Bond around the lien. In most states you can obtain a surety bond to discharge the lien from the property title which means the property can be sold or refinanced while the underlying dispute is resolved.

Challenge the lien. If the lien is invalid you can file a petition to release or expunge the lien.

Let it expire. Mechanic's liens have an enforcement deadline. If the claimant does not file a lawsuit to enforce the lien within the statutory period the lien expires and the title is automatically cleared.

How to Prevent Mechanic's Liens on Future Projects

The most effective way to handle a mechanic's lien is to never have one filed in the first place. The single most important practice is collecting signed lien waivers from every subcontractor and supplier at every payment. A conditional waiver collected before each payment creates a documented record that payment was made and lien rights were released for that amount. The true cost of a missing waiver — legal fees, project delays, and a cloud on title — makes clear why this step is non-negotiable.

Collect preliminary lien notices and track which parties have preserved their lien rights on each project. Pay your subcontractors on time. Most mechanic's liens are filed because someone did not get paid.

Build waiver collection into your payment process as a non-negotiable step. Waiver sent, waiver signed, payment released. In that order, every time, on every project. When that process is followed consistently mechanic's liens become a problem that happens to other GCs, not to you. Use the complete project closeout checklist to make sure every waiver is collected and your file is closed before you consider a project done.

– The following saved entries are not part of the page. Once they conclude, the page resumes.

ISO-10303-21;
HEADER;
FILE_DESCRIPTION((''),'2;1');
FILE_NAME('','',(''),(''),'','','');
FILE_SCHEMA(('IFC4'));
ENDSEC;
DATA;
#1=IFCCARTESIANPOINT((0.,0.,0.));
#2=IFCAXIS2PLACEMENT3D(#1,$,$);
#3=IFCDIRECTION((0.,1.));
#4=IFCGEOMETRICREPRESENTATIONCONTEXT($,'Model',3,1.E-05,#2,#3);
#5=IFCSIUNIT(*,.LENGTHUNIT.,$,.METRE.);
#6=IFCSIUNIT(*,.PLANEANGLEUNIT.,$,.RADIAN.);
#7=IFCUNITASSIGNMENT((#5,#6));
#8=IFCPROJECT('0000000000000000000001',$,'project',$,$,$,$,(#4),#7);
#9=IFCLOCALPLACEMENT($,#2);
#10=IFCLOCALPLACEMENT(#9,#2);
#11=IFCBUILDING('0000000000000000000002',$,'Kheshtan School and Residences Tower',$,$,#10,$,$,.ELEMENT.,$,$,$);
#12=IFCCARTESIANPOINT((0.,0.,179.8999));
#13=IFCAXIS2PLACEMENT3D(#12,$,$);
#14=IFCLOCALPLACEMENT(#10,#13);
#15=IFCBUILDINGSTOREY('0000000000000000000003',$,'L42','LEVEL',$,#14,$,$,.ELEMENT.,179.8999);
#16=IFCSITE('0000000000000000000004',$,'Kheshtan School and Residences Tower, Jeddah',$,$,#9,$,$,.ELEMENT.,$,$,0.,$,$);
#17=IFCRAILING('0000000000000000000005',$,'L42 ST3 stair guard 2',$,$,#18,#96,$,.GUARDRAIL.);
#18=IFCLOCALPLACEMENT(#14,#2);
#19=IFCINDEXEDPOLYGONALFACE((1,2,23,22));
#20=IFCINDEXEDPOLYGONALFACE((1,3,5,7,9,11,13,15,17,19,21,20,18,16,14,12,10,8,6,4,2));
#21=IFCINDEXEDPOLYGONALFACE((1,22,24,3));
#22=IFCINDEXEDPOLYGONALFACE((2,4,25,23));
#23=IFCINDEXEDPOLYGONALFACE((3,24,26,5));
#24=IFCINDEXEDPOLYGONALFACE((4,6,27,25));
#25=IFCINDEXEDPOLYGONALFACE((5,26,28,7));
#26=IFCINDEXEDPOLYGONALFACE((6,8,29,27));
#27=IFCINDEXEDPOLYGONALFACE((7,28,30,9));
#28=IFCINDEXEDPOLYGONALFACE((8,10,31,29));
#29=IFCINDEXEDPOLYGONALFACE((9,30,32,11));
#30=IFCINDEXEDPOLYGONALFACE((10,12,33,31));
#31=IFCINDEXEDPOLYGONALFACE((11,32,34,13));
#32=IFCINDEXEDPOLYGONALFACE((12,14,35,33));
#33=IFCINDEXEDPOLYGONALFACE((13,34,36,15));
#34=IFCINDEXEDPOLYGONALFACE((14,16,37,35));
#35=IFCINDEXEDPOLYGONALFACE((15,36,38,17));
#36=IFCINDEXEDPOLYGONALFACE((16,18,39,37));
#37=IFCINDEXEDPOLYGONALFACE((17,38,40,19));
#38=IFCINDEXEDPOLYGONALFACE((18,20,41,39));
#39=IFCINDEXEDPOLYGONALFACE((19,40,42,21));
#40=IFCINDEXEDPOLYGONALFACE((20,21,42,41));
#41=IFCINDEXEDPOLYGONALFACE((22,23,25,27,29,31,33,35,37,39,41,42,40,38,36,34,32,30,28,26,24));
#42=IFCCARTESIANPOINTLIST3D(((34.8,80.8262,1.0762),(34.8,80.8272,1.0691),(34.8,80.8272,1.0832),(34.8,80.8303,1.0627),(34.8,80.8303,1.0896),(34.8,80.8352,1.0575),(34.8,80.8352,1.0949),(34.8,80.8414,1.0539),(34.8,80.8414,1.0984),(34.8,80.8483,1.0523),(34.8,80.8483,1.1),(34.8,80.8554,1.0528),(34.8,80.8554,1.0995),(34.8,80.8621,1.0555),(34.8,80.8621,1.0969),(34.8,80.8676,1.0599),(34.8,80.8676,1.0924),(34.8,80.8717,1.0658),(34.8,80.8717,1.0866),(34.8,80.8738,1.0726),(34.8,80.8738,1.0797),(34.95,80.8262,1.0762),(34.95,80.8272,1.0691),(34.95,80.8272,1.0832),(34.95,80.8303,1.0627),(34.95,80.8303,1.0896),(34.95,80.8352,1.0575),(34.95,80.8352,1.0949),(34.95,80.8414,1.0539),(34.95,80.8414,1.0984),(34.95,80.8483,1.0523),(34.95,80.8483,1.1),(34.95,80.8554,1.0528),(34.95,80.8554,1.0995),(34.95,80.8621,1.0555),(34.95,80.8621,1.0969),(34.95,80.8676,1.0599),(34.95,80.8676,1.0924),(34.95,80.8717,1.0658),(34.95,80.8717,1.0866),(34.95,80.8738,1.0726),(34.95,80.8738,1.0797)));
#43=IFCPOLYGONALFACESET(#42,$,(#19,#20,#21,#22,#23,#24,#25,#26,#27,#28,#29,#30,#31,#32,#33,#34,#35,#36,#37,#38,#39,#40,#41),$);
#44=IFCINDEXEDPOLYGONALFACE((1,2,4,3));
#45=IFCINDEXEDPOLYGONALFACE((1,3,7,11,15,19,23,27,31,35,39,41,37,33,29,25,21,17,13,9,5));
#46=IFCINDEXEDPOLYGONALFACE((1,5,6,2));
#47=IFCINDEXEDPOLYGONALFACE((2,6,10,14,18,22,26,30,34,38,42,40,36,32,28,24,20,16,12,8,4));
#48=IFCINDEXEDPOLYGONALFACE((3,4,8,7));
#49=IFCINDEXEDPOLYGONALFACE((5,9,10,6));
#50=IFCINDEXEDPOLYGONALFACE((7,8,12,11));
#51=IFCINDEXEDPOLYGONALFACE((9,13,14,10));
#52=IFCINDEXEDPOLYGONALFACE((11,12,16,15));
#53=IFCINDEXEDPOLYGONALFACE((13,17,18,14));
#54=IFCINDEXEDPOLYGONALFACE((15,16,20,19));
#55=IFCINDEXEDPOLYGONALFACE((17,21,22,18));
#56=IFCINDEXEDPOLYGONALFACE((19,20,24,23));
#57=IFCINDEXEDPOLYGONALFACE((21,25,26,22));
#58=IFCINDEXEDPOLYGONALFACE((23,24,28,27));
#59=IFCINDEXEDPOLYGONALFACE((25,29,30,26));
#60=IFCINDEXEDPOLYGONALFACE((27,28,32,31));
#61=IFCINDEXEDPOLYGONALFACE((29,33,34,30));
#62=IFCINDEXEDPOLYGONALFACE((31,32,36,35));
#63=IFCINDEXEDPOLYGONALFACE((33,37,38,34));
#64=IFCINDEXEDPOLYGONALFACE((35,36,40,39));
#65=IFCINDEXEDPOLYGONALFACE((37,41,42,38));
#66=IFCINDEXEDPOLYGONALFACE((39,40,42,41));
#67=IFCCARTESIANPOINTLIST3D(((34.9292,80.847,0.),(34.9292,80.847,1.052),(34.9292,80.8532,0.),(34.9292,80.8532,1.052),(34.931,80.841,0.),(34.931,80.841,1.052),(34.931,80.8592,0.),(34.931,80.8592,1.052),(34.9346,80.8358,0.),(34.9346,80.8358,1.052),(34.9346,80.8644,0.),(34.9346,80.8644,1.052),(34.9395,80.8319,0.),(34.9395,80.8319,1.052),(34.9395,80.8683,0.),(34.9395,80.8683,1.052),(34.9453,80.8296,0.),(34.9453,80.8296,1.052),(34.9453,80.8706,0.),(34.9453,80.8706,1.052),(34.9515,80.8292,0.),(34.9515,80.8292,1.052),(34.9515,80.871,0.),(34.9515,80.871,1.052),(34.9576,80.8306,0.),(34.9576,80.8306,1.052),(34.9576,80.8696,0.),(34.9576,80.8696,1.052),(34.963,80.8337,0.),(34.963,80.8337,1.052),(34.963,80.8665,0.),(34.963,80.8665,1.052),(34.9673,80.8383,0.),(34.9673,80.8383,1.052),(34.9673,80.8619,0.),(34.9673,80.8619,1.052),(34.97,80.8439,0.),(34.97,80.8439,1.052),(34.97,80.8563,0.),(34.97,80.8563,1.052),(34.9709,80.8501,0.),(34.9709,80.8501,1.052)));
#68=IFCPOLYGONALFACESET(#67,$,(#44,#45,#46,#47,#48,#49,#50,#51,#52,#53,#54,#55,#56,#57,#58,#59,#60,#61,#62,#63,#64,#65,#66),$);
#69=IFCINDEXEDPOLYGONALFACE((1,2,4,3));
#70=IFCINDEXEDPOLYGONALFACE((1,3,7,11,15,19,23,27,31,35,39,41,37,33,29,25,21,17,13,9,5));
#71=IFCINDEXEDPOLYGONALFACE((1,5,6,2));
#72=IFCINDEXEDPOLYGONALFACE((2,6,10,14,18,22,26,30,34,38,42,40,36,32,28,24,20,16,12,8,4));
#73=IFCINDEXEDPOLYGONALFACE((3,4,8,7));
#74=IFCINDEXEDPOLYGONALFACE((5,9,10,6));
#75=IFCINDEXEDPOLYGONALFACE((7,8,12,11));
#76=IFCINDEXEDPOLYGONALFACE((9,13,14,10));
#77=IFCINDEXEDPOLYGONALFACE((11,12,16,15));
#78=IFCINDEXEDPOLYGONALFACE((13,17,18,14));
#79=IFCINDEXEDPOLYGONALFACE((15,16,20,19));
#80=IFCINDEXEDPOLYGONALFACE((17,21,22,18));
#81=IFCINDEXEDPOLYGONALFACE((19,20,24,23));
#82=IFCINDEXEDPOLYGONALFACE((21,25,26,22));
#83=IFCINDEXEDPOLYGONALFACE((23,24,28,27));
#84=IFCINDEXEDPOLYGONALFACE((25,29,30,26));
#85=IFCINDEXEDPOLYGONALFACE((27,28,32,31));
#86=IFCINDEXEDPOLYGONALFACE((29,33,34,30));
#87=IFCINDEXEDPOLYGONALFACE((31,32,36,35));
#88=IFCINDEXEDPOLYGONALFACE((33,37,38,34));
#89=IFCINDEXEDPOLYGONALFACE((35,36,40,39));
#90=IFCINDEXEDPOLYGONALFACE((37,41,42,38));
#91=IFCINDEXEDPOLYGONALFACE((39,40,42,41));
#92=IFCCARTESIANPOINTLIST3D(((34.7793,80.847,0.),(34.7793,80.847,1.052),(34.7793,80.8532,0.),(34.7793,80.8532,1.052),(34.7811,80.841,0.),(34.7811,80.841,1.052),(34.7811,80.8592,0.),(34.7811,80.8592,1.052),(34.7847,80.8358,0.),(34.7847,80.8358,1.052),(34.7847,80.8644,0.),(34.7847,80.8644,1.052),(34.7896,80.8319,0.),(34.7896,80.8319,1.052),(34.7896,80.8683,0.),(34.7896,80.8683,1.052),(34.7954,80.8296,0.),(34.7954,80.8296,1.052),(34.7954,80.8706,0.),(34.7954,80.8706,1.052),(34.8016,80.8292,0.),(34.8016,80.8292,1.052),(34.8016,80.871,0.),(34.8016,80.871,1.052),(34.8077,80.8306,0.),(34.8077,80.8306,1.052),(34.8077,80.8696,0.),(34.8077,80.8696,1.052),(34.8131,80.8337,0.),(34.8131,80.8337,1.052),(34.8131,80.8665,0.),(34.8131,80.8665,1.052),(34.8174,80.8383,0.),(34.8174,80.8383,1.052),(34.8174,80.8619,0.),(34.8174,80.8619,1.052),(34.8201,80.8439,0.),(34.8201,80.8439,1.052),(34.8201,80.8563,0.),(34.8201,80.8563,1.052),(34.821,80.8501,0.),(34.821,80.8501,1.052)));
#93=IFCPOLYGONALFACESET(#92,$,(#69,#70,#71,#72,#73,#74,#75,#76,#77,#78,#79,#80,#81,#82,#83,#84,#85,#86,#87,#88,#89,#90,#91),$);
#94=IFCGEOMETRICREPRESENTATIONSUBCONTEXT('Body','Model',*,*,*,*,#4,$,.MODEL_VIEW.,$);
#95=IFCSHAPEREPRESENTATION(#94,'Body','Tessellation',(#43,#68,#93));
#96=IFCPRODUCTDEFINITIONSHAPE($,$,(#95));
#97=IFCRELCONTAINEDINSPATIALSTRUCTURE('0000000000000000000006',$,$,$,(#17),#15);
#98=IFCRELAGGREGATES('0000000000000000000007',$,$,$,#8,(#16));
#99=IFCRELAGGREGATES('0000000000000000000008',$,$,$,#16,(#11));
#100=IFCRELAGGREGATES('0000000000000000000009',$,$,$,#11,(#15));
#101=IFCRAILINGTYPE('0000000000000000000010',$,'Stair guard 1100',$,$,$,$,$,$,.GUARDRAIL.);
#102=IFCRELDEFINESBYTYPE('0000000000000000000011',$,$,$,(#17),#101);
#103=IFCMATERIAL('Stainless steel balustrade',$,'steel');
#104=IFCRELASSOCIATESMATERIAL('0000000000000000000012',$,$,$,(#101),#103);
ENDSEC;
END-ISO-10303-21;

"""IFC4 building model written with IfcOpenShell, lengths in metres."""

from ifc_helpers import new_model, si_unit, direction, frame, origin, origin_2d, place, context, subcontext, project, spatial, circle, extrude, material, type_object, element, save


model = new_model("IFC4")

# Units and contexts
model_context = context("Model", 3, precision=1e-05, world=origin(), true_north=direction((0.0, 1.0)))
body_context = subcontext(model_context, "Body", "Model", "MODEL_VIEW")
ifc_project = project(units=[si_unit("LENGTHUNIT", "METRE"), si_unit("PLANEANGLEUNIT", "RADIAN")], contexts=[model_context])

# Site, building, storey
site_placement = place(None, origin())
site = spatial("IfcSite", under=ifc_project, at=site_placement, Name="Kheshtan School and Residences Tower, Jeddah", CompositionType="ELEMENT", RefElevation=0.0)
building_placement = place(site_placement, origin())
building = spatial("IfcBuilding", under=site, at=building_placement, Name="Kheshtan School and Residences Tower", CompositionType="ELEMENT")
storey_placement = place(building_placement, frame((0.0, 0.0, 179.8999)))
storey = spatial("IfcBuildingStorey", under=building, at=storey_placement, Name="L42", Description="LEVEL", CompositionType="ELEMENT", Elevation=179.8999)

# Railing
ifc_material_1 = material(Name="Stainless steel balustrade", Category="steel")
railing_type = type_object("IfcRailingType", Name="Stair guard 1100", PredefinedType="GUARDRAIL", material=ifc_material_1)
railing_1_placement = place(storey_placement, frame((34.95, 80.8501, 0.0)))
element("IfcRailing", 1, at=railing_1_placement, inside=storey, type_object=railing_type, Name="L42 ST3 stair guard 2", PredefinedType="GUARDRAIL", context=body_context, shape_type="SweptSolid", body=[
    extrude(circle(Radius=0.0239, at=origin_2d()), frame((0.0, 0.0, 1.0762), z_axis=(-1.0, 0.0, 0.0), x_axis=(0.0, -1.0, 0.0)), (0.0, 0.0, 1.0), 0.1499),
    extrude(circle(Radius=0.021, at=origin_2d()), origin(), (0.0, 0.0, 1.0), 1.052),
    extrude(circle(Radius=0.021, at=origin_2d()), frame((-0.1499, 0.0, 0.0)), (0.0, 0.0, 1.0), 1.052),
])

save(model, "model.ifc")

The best defense against a mechanics lien is a documented lien waiver management process on every project.

Frequently Asked Questions

How long does a mechanic's lien stay on a property?

It depends on the state. Most states give the lienor between 90 days and one year from the date the lien was recorded to enforce it by filing a foreclosure lawsuit. If no lawsuit is filed within that window, the lien expires automatically and can be removed from title. The deadlines are strict — missing the enforcement deadline extinguishes the lien regardless of whether the underlying claim was valid.

Can a mechanic's lien be filed even if the subcontractor was paid?

Yes. A subcontractor can file a lien even after receiving payment — filing a lien does not require proof of nonpayment, only a claim of nonpayment. A signed lien waiver is your primary evidence that payment was made and lien rights were released for that amount. Without a signed waiver, proving the payment occurred in a way that extinguishes lien rights becomes a legal argument rather than a documented fact.

Does a mechanic's lien affect the property owner or the GC?

Both, but in different ways. The lien attaches to the property title, which affects the owner directly — they cannot sell or refinance the property until the lien is resolved. The GC is responsible for managing the payment chain and is typically liable to the owner for resolving lien claims filed by subs the GC was responsible for paying. Most GC contracts include an indemnification clause that requires the GC to defend and resolve lien claims arising from their subcontractors.

What is the fastest way to remove a mechanic's lien?

Pay the valid claim and obtain a signed lien release — sometimes called a release of lien or discharge of lien — from the claimant. Record the release with the same county recorder's office where the original lien was filed. Once recorded, the lien is removed from title. If the claim is disputed, the faster alternative is bonding over the lien — substituting a surety bond for the property encumbrance, which releases the cloud on title while the underlying dispute is resolved through negotiation or litigation.

Can you sell a property with a mechanic's lien on it?

Generally no. Title companies will not issue title insurance on a property with an active mechanic's lien, and most buyers will not close without a title insurance policy. In practice, a filed lien stops a sale in its tracks until the lien is either paid and released, bonded over, or successfully challenged and vacated. Even if a buyer were willing to close without insurance, their lender almost certainly would not fund the purchase on an encumbered title.